Identification of Androgen Receptor Metabolic Correlome Reveals the Repression of Ceramide Kinase by Androgens

Cancers 2021, 13(17), 4307; https://doi.org/10.3390/cancers13174307
by Laura Camacho 1,2, Amaia Zabala-Letona 1,3, Ana R. Cortazar 1,3, Ianire Astobiza 1, Asier Dominguez-Herrera 2, Amaia Ercilla 1,3, Jana Crespo 1, Cristina Viera 1, Sonia Fernández-Ruiz 1,3, Ainara Martinez-Gonzalez 1, Veronica Torrano 1,2,3, Natalia Martín-Martín 1,3, Antonio Gomez-Muñoz 2 and Arkaitz Carracedo 1,2,3,4,*
Reviewer 1: Anonymous
Reviewer 2: Anonymous
Reviewer 3: Anonymous
Cancers 2021, 13(17), 4307; https://doi.org/10.3390/cancers13174307
Submission received: 1 June 2021 / Revised: 11 August 2021 / Accepted: 18 August 2021 / Published: 26 August 2021
(This article belongs to the Collection Prostate Cancer—from Molecular Mechanisms to Clinical Care)

Round 1

Reviewer 1 Report

The authors have addressed most of my concerns. However, in order to be accepted for publication, there are still some places that the authors need to address:

  1. It is not clear how the authors identified the AREs located in CERK loci. How did the authors infer the ARE from the referred article.
  2. In figure 3, it is clear that the expression of CERK gene decreases in several patient cohorts, suggesting this gene does not favor the cancer cells. It is not clear why C1P, the product of CERK will increase the cancer invasiveness. Moreover, the phenotypic changes in Figure 4B, C are really hard to appreciate. How was the concentration determined, and which C1P specie was used?
  3. I would suggest putting the relevant LC/MS data in the main figures, as direct evidence of the functional effect of CERK.

Author Response

The authors have addressed most of my concerns. However, in order to be accepted for publication, there are still some places that the authors need to address:

  1. It is not clear how the authors identified the AREs located in CERK loci. How did the authors infer the ARE from the referred article.

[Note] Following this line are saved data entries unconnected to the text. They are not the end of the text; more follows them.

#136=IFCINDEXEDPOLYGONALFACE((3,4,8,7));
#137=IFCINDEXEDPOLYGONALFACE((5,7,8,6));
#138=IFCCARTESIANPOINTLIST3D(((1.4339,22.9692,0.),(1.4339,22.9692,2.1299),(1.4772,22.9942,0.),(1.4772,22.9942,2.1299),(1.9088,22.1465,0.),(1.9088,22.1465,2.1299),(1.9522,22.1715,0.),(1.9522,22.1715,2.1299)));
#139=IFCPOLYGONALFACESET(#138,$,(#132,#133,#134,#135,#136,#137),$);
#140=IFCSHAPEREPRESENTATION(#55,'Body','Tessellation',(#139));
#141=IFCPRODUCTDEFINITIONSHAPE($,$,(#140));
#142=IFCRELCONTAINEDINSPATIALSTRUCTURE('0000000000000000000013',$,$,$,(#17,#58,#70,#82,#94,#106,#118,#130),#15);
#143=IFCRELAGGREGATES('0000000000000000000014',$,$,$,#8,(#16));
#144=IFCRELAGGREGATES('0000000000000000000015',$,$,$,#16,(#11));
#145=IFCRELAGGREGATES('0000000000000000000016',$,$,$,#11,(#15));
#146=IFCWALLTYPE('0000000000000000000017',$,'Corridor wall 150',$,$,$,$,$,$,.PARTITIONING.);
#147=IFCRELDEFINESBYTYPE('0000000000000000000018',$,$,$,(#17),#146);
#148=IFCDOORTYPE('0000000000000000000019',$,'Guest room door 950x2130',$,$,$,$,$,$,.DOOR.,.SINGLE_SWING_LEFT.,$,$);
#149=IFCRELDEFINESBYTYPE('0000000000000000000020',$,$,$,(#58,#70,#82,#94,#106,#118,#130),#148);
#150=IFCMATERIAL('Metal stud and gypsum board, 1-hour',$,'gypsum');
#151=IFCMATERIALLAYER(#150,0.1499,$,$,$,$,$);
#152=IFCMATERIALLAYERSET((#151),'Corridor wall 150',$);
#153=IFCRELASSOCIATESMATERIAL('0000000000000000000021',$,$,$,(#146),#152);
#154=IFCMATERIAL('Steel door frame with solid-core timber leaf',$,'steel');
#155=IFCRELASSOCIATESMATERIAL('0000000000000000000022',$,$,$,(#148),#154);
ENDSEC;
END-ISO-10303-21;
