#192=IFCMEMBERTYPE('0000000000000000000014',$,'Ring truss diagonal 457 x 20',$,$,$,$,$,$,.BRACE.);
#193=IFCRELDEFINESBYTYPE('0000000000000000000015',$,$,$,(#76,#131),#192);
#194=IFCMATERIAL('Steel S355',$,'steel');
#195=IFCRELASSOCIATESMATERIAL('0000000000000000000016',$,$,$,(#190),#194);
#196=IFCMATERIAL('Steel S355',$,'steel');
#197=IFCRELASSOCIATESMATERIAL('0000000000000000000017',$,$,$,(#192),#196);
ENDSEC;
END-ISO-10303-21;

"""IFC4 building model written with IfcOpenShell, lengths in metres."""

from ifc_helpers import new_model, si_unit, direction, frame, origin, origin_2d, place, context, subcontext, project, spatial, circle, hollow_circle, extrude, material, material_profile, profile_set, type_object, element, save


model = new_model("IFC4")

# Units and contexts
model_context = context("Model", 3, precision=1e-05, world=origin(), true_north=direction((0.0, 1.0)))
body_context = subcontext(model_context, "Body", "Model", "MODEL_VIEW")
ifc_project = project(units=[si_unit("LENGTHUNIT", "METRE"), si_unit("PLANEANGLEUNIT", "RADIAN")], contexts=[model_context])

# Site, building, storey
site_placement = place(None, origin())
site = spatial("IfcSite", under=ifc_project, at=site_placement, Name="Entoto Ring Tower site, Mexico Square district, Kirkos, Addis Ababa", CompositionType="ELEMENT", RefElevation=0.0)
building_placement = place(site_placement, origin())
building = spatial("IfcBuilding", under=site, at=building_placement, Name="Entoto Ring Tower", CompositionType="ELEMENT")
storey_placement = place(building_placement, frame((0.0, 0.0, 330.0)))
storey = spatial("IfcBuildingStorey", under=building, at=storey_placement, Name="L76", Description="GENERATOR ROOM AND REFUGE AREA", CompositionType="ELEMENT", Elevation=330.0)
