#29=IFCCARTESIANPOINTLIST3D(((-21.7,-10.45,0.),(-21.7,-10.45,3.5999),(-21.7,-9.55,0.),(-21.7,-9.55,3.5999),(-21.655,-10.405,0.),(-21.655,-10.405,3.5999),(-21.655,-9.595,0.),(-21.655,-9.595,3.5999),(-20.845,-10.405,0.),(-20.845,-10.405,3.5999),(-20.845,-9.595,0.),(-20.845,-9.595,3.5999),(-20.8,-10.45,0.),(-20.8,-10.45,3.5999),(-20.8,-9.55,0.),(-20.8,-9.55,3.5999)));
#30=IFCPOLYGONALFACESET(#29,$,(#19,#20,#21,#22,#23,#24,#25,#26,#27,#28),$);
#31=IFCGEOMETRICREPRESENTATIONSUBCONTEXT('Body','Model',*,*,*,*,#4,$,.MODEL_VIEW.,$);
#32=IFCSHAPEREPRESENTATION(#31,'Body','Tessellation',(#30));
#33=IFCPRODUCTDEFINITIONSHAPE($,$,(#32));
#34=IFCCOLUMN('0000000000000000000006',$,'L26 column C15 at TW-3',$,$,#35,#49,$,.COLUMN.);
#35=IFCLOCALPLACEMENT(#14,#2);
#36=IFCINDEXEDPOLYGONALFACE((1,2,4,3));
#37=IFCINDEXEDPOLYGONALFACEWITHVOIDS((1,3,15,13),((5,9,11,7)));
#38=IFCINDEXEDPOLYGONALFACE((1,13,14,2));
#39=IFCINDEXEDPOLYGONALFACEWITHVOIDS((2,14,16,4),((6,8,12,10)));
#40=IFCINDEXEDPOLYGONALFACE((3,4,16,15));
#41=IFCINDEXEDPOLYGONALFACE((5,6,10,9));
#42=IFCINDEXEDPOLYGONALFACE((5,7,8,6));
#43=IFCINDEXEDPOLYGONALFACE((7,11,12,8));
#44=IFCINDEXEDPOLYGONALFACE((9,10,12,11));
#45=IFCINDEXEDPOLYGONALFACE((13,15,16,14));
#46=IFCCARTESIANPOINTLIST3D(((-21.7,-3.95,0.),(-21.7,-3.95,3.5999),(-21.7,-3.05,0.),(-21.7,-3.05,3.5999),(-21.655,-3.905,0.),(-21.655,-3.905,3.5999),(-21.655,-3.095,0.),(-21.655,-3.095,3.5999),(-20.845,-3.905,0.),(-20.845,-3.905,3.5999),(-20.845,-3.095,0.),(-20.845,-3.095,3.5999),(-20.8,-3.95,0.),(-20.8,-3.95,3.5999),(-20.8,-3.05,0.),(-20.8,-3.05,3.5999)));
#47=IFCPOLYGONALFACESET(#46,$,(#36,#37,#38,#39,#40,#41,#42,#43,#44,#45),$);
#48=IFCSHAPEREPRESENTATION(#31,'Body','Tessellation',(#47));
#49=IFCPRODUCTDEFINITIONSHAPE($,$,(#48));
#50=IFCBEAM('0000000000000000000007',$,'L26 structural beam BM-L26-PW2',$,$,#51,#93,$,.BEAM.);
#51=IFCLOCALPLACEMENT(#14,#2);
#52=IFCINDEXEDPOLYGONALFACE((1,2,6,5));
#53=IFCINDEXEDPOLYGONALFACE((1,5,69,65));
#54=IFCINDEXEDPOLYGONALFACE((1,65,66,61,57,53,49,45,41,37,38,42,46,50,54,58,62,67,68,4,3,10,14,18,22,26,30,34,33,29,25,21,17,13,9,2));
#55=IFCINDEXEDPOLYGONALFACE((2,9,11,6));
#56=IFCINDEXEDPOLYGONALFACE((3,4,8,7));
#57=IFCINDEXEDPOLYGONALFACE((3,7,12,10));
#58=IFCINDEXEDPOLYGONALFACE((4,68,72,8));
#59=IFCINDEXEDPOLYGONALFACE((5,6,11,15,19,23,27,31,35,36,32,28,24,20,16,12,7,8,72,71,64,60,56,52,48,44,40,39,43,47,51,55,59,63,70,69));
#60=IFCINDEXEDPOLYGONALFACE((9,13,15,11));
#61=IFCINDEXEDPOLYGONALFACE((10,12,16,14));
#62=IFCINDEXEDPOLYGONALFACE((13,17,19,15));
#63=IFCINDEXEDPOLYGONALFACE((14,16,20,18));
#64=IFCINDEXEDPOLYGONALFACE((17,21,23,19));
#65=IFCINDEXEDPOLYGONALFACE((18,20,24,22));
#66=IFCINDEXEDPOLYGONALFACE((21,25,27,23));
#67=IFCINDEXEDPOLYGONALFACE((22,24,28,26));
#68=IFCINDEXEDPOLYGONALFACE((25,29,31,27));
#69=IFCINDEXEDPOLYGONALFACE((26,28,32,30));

We provide the specific citation to the study that reports potential AREs in CERK regulatory region. The AR binding site location and sequences were inferred from the supplementary figure “SI02_CHIPSEQ_ARE_Annotation” from the referred article (Wilson, S.; Qi, J.; Filipp, F.V. Refinement of the androgen response element based on ChIP-Seq in androgen-insensitive and androgen-responsive prostate cancer cell lines. Scientific reports 2016, 6, 32611, doi:10.1038/srep32611.). As suggested by the editor, we renamed these sites as AR sites.

  1. In figure 3, it is clear that the expression of CERK gene decreases in several patient cohorts, suggesting this gene does not favor the cancer cells. It is not clear why C1P, the product of CERK will increase the cancer invasiveness. Moreover, the phenotypic changes in Figure 4B, C are really hard to appreciate. How was the concentration determined, and which C1P specie was used?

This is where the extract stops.